標的指向型liposomeを用いたリラキシンによる口蓋瘢痕組織新規治療法の開発

研究課題

研究課題/領域番号 19K22703
研究機関東京医科歯科大学

研究代表者

森山 啓司  東京医科歯科大学, 大学院医歯学総合研究科, 教授 (20262206)

研究分担者 小川 卓也  東京医科歯科大学, 大学院医歯学総合研究科, 准教授 (50401360)
東堀 紀尚  東京医科歯科大学, 大学院医歯学総合研究科, 講師 (50585221)
小林 起穂  東京医科歯科大学, 大学院医歯学総合研究科, 助教 (20596233)
研究期間 (年度) 2019-06-28 – 2022-03-31
キーワードリラキシン / 口蓋裂 / 瘢痕組織
研究実績の概要

RLN2は様々な生理作用を持つインスリン様ペプチドホルモンの一種で、恥骨結合や子宮周囲の線維性結合組織を弛緩させ分娩を補助することで広く知られている。近年ではその血管拡張作用と線維化抑制作用が急性心不全の治療薬としても注目されている。肝繊維腫のような病的線維化状態におけるリラキシン受容体1(RXFP1)の発現の上昇はすでに報告されている。また、RLN2がRXFP1/phospho-ERK/nNOS/NO/cGMP依存性の経路だけでなく、MMPの発現を促進するiNOSの発現も亢進するとされている。
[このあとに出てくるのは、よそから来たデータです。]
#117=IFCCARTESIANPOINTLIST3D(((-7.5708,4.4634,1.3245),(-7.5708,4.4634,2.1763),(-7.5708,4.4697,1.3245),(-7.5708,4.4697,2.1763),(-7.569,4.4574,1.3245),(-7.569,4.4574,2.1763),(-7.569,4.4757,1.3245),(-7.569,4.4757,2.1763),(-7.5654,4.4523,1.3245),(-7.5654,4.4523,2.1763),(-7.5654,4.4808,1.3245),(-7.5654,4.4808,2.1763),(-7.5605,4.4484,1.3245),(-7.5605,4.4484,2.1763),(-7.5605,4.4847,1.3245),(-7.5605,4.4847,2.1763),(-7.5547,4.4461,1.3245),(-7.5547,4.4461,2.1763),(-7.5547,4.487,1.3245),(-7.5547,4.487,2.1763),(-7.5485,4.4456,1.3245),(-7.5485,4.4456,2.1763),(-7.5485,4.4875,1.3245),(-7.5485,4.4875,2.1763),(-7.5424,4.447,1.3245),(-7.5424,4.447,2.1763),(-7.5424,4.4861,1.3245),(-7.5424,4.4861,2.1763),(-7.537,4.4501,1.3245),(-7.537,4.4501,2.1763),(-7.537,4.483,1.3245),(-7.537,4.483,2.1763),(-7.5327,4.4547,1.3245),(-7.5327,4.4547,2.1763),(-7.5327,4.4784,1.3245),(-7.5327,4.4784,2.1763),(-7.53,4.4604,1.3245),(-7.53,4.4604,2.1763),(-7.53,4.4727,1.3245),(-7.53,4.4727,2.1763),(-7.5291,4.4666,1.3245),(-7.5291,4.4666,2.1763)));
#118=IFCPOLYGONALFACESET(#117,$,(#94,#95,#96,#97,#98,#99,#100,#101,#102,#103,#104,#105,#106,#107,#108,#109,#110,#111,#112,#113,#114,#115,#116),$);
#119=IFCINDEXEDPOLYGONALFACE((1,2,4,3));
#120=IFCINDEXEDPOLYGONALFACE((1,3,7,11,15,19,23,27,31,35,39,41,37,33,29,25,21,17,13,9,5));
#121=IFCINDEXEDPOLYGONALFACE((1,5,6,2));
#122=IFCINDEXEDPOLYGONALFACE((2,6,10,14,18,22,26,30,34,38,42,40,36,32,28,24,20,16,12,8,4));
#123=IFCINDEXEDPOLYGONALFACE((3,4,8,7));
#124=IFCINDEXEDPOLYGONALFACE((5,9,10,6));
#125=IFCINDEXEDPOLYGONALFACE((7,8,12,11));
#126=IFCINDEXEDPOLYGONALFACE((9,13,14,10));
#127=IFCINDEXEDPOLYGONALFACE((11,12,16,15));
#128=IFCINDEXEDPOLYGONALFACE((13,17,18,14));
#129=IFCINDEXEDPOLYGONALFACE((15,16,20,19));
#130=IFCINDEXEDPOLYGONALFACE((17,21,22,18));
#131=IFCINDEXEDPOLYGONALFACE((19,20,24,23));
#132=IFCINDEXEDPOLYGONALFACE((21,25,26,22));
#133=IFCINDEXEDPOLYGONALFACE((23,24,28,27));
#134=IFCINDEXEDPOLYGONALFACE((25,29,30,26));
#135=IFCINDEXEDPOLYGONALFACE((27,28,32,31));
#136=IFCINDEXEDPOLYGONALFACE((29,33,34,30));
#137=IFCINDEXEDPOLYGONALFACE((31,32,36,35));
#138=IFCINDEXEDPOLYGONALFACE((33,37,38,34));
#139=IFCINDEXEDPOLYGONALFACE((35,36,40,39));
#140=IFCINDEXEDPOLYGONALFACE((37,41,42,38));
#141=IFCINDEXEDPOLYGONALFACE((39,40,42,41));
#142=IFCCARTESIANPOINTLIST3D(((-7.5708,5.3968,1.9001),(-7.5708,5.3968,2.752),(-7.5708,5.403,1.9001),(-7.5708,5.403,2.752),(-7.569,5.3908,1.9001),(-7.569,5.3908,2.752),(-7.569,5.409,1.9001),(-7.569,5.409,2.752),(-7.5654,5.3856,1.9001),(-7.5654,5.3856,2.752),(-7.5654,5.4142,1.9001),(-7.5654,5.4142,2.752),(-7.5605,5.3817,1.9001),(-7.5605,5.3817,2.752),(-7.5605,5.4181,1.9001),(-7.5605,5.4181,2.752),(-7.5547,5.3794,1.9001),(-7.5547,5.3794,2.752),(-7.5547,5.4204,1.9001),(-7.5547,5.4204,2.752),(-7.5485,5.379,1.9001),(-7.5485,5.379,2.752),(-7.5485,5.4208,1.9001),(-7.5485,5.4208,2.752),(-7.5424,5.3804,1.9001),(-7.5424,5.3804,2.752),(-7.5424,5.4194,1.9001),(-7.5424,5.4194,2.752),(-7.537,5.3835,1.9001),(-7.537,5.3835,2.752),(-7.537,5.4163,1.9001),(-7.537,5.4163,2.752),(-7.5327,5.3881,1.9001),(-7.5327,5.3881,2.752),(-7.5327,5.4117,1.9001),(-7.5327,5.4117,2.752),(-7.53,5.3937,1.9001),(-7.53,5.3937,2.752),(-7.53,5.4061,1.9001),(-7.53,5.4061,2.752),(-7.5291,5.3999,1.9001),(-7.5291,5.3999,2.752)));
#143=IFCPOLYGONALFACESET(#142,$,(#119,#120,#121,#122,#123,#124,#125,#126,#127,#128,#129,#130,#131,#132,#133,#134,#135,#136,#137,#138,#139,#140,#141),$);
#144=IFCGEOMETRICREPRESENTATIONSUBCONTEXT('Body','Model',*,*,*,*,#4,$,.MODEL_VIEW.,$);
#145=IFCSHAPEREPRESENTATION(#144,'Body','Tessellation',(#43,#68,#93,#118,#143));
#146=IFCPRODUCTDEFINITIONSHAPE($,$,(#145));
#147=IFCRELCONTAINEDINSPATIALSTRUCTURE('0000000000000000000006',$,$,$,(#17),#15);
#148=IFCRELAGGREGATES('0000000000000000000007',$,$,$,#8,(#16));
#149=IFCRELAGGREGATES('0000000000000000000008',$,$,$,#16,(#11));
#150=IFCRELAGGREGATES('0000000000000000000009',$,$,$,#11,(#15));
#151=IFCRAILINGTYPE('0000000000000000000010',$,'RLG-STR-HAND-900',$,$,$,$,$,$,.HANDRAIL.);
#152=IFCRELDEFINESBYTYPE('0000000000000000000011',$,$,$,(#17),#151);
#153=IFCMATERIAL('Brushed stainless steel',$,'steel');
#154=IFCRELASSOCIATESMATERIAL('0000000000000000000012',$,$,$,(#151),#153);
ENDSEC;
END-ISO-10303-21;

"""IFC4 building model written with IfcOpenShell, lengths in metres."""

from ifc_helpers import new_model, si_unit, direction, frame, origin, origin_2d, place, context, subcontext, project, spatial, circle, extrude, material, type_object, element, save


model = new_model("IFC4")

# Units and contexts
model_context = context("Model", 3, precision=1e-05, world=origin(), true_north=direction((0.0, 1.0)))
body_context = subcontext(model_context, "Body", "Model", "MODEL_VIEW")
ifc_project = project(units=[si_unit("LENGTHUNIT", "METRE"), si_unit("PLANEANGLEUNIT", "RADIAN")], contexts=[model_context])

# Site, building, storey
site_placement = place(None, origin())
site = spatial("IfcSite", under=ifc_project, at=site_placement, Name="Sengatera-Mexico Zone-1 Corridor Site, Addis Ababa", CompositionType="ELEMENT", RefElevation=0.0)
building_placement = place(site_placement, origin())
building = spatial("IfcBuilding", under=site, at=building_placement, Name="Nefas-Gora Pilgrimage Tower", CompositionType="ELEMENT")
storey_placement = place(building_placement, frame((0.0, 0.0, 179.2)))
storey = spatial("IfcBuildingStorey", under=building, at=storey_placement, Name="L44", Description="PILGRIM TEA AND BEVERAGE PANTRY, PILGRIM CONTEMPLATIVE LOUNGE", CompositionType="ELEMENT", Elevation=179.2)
さらに筋線維芽細胞におけるiNOSの活性を阻害するTGF-β1リン酸化-Smad2の経路を抑制することで、RLN2はMMP産生の効果を示すiNOSを放出する。これらをふまえて、当分野での報告(Kamimoto H. et al., 2019)では、Cy5.5、酸化鉄をリポソームに内包させ、磁性制御によって口蓋粘膜にリポソームを集積させることが可能となった。ラット口蓋粘膜下にこのリポソームをマイクロインジェクション後、その局在をin vivo imaging観察し、48時間ごとにリポソームを追加注入することで組織内に一定のリポソームを局在させることが可能であることが明らかとなった。ラット上顎口蓋正中縫合の線維芽細胞におけるRXFP1の発現を確認した。また、ラットMPSの拡大中にリポソームをキャリアとしたRLN2がRXFP1を介して上顎正中口蓋縫合部の線維芽細胞におけるMmp-1、Mmp-2、Timp-1の発現を促進することを示した。これらのRLN2による細胞外基質代謝関連物質の発現上昇は、口蓋部に形成された瘢痕組織の分解作用を持つ可能性が考えられる。

現在までの達成度 (区分)
現在までの達成度 (区分)

3: やや遅れている

理由

ラット上顎口蓋正中縫合の線維芽細胞におけるRXFP1の発現を確認した。また、ラットMPSの拡大中にリポソームをキャリアとしたRLN2がRXFP1を介して上顎正中口蓋縫合部の線維芽細胞におけるMmp-1、Mmp-2、Timp-1の発現を促進することを示した。一方、2019年度内に着手する予定であった口蓋瘢痕組織特異的に存在する筋線維芽細胞および線維芽細胞の不死化とクローン化と、これら細胞の表現型に対するRLN2(RLN2-lipo)の作用をin vitroでの解析および生体親和性標的指向型リポソーム(糖鎖シアリルルイスX:SLX表面修飾)-RLN2の構築は未完遂であるため。

今後の研究の推進方策

1.RLN2-lipoの構築:リポソーム表面に炎症組織特異的集積を示す糖鎖SLXを修飾し、RLN2およびCy5.5を内包させる。
2.ラット株化筋線維芽細胞樹立およびモノクローナル化:4週齢雄性SDラット口蓋粘膜に3x5 mmの骨膜を含む粘膜欠損を形成し、瘢痕組織を形成する。これら瘢痕組織より、初代培養を経て、セルソーター(学内共有機器、FACS Aria II)にてαSMA陽性筋線維芽細胞および対照群としてαSMA陰性線維芽細胞を回収後、不死化細胞作製受託サービスにておのおの不死化細胞を得、限界希釈法によりクローン化(n=10)を行う。
3.RLN2-lipoが株化筋線維芽細胞特性に与える影響についての解析:各細胞にRLN2-lipoを作用させ、α-SMA、TGF-βタンパク質の発現量、Smad 2/3やJNKシグナル伝達関連因子のリン酸化の定量を行う。また、細胞増殖、アポトーシス、各種MMPs発現量、コラーゲン分泌量、コラーゲンゲル収縮率、細胞遊走率について解析する。

次年度使用額が生じた理由

本年度予定していたラット株化筋線維芽細胞樹立およびモノクローナル化の進捗状況が遅れたため次年度使用額が生じた。2020年度以降の動物実験に使用する予定である。

  • 研究成果

    (2件)

すべて 2019

すべて 雑誌論文 (1件) (うち査読あり 1件、 オープンアクセス 1件) 学会発表 (1件)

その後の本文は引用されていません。